All these opportunities to modify, or even terminate, an irrevocable trust might leave trust creators uncomfortable. Most individuals who create and fund an irrevocable trust give considerable thought to when, how, and to whom their assets will be distributed. That intent is then reflected in the trust’s terms that the creator ultimately signs. If that discomfort is too great, or they are alarmed that their trust beneficiaries might be able to change their trust or terminate their trust early, there are some steps that the trust creator can take.

  • State in the body of the trust instrument that they do not want the trust modified or terminated in any way, despite the modification provisions of Michigan’s Trust Code, but that step might be too limiting.
  • State their intent that the trustee does not hold the power to decant trust property to a new trust created by the trustee.

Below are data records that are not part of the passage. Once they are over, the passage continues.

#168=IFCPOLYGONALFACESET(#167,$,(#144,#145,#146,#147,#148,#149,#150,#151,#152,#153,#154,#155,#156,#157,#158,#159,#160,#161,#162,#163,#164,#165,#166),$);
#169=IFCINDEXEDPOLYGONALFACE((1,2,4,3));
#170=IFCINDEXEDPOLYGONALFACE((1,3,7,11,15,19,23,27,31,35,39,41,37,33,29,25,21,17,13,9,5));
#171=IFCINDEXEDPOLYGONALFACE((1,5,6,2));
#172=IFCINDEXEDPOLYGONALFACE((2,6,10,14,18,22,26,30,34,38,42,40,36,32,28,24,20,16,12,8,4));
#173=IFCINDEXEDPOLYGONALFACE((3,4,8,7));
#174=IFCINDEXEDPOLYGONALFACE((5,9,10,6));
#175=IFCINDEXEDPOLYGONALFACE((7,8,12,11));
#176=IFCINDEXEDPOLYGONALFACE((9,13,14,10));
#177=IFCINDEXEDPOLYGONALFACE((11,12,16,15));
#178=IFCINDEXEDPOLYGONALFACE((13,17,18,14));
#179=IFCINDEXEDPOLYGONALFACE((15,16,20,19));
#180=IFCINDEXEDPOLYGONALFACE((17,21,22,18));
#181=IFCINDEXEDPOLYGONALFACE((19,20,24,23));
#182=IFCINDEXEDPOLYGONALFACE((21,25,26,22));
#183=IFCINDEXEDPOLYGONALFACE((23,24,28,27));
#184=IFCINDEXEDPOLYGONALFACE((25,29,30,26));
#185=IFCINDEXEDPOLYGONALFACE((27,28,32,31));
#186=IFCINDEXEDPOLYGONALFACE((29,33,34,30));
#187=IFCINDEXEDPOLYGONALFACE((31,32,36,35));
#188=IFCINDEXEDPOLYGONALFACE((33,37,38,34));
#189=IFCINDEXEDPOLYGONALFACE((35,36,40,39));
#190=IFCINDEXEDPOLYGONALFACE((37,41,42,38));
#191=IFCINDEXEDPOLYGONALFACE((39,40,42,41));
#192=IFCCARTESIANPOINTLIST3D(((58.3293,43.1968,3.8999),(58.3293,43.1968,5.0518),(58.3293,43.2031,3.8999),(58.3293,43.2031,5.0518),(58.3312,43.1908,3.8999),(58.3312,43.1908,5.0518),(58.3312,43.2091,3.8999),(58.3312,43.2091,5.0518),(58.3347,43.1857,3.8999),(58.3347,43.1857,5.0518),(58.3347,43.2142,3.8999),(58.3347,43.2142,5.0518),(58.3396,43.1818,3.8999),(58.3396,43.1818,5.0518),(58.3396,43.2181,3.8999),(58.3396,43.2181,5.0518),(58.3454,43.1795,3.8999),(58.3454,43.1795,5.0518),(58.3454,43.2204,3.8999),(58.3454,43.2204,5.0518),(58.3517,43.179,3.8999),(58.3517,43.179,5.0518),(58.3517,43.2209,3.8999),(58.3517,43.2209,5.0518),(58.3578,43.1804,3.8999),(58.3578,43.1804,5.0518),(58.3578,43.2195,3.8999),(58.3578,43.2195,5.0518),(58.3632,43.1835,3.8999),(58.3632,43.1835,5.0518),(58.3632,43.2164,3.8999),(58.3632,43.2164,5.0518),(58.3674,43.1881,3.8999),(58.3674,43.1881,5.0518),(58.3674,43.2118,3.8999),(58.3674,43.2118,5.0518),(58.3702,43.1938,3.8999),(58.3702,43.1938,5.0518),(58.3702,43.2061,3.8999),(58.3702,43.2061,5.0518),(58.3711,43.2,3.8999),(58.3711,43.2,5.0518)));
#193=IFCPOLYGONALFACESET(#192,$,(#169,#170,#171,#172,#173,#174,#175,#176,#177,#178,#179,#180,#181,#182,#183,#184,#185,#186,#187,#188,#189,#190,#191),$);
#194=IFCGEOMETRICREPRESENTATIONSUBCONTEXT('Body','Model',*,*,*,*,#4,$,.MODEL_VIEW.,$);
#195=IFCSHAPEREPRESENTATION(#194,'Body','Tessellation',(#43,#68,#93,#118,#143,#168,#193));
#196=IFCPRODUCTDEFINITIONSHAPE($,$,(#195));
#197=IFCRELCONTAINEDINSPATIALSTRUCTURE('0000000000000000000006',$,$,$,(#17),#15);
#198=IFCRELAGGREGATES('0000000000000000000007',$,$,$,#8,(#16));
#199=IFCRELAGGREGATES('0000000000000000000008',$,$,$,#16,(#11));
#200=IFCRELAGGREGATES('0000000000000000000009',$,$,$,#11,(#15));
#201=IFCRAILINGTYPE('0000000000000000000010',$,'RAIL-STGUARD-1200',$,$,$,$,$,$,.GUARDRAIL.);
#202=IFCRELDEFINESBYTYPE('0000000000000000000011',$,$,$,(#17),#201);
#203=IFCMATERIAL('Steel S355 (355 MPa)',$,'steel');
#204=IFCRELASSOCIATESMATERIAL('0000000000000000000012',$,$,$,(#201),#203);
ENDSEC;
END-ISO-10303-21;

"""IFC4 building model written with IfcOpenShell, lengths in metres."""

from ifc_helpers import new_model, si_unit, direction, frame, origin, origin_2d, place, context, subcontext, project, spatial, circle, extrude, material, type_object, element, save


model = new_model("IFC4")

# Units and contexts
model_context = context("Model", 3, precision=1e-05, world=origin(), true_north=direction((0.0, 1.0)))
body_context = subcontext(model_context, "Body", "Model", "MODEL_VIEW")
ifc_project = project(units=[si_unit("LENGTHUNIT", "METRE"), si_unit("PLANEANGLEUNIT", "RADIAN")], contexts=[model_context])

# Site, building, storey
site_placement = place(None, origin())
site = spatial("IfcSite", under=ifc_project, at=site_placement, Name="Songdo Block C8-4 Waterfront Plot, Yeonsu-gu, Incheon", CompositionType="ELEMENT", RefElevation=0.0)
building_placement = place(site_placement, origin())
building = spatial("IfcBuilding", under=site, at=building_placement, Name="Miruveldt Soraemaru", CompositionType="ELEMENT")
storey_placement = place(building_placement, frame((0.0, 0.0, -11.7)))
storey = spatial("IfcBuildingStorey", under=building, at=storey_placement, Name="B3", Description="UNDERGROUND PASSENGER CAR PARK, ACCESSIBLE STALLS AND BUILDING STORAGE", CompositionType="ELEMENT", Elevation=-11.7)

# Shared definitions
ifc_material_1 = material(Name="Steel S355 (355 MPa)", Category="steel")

This then would force a future modification to go before a probate judge who may find that the proposed modification is inconsistent with the creator’s stated or material purposes or probable intention.
  • State clearly in the terms of the trust instrument the creator’s material purposes, since those material purposes will restrict the way the trust can be modified. This provision will preserve those purposes or prevent an early termination of the trust. Otherwise, without a clear statement of purpose, a probate judge will be left to search for what those intended purposes might otherwise be, in effect read between the line, or guess. The presence of a material purpose trust provision provides some flexibility to adapt to future changes in the law or a beneficiary’s circumstances, but it maintains the creator’s overarching purpose for the trust and its beneficiaries.